BANKING AND FINANCIAL SERVICES

SUBMITTED BY,
TEAM 4 & TEAM 5
II BCOM (A&F)
1) What is credit card? What are its benefits? How does it differ from a debit card?
A credit card is a payment card issued to users (cardholders) to enable the
cardholder to pay a merchant for goods and services based on the cardholder's promise to the card
issuer to pay them for the amounts plus the other agreed charges. The card issuer (usually a bank)
creates a revolving account and grants a line of credit to the cardholder, from which the cardholder
can borrow money for payment to a merchant or as a cash advance.
A credit card is a thin rectangular piece of plastic or metal issued by a bank or
financial services company, that allows cardholders to borrow funds with which to pay for goods and
services with merchants that accept cards for payment.
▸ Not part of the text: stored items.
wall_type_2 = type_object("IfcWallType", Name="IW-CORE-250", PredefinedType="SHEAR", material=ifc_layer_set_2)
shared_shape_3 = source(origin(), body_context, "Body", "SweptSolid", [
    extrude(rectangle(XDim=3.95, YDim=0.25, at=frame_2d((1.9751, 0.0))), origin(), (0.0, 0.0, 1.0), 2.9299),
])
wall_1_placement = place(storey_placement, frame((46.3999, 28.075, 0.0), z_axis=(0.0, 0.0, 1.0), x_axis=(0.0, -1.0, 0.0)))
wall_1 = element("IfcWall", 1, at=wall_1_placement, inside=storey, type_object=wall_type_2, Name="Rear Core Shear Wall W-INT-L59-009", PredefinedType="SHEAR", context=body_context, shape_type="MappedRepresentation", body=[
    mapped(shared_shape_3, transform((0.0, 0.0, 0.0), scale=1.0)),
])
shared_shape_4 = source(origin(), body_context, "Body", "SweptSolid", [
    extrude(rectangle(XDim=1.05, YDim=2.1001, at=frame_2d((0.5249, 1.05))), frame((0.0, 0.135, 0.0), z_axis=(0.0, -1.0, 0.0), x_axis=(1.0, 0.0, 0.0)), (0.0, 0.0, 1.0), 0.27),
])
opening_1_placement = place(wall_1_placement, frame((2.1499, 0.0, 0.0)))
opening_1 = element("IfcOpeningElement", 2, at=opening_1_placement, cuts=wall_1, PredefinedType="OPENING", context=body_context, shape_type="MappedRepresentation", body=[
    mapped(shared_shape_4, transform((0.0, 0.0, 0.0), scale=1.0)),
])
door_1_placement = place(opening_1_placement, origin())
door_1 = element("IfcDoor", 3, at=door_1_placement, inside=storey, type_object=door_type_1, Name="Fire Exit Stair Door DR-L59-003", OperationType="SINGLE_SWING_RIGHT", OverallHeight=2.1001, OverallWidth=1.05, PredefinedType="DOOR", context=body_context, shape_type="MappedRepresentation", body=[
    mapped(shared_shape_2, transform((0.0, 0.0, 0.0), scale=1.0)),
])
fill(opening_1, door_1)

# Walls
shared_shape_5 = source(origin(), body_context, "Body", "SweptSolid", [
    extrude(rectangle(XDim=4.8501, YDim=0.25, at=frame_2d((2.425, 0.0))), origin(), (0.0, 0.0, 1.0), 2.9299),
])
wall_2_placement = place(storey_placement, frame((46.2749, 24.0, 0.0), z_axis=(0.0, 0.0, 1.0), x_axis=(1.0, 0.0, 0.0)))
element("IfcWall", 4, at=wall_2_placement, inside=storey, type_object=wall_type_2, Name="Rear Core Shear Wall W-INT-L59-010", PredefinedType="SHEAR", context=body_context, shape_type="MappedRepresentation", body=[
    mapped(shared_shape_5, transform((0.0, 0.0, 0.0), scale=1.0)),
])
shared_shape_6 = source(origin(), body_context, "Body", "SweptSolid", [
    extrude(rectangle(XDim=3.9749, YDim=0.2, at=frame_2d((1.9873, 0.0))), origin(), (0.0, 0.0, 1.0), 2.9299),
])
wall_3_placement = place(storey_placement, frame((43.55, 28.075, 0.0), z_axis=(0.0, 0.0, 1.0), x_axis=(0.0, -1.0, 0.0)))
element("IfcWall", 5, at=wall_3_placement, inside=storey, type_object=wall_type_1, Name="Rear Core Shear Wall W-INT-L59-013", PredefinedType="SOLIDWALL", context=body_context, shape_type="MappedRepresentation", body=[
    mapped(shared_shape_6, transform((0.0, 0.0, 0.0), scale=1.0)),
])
DIFFERNCE BETWEEN CREDIT CARD AND DEBIT CARD


BENEFITS OF CREDIT CARD
1. Easy access to credit:

The biggest advantage of a credit card is its easy access to credit. Credit cards function on a deferred
payment basis, which means you get to use your card now and pay for your purchases later. The
money used does not go out of your account, thus not denting your bank balance every time you
swipe.

2. Building a line of credit

Credit cards offer you the chance to build up a line of credit. This is very important as it allows banks
to view an active credit history, based on your card repayments and card usage. Banks and financial
institutions often look to credit card usage as a way to gauge a potential loan applicant’s
creditworthiness, making your credit card important for a future loans or rental applications.

3. EMI facility

If you plan on making a large purchase and don’t want to sink your savings into it, you can choose to
put it on your credit card as a way to defer payment. In addition to this, you can also choose to pay
off your purchase in equated monthly instalments, ensuring you aren’t paying a lump sum for it and
denting your bank balance. Paying through EMI is cheaper than taking out a personal loan to pay for
a purchase, such as a television or an expensive refrigerator.

4. Incentives and offers

Most credit cards come packed with offers and incentives to use your card. These range from cash
back to rewards point accumulation each time you swipe your card, which can later be redeemed as
air miles or used towards paying your outstanding card dues. Lenders also offer discounts on
purchases made through a credit card, such as on flight tickets, holidays or large purchases, helping
you save.

5. Flexible credit

Credit cards come with an interest-free period, which is a period of time during which your
outstanding credit is not charged interest. Ranging between 45-60 days, you can avail free,
shortterm credit if you pay off the entire balance due by your credit card bill payment date. Thus,
you can benefit from a credit advance without having to pay the charges associated with having an
outstanding balance on your credit card.

6. Record of expenses

A credit card records each purchase made through the card, with a detailed list sent with your
monthly credit card statement. This can be used to determine and track your spending and
purchases, which could be useful when chalking out a budget or for tax purposes. Lenders also
provide instant alerts each time you swipe your card, detailing the amount of credit still available as
well as the current outstanding on your card.
7. Purchase protection

Credit cards offer additional protection in the form of insurance for card purchases that might be
lost, damaged or stolen. The credit card statement can be used to vouch for the veracity of a claim, if
you wish to file one.

2) Explain briefly the role of Co-operative Banks?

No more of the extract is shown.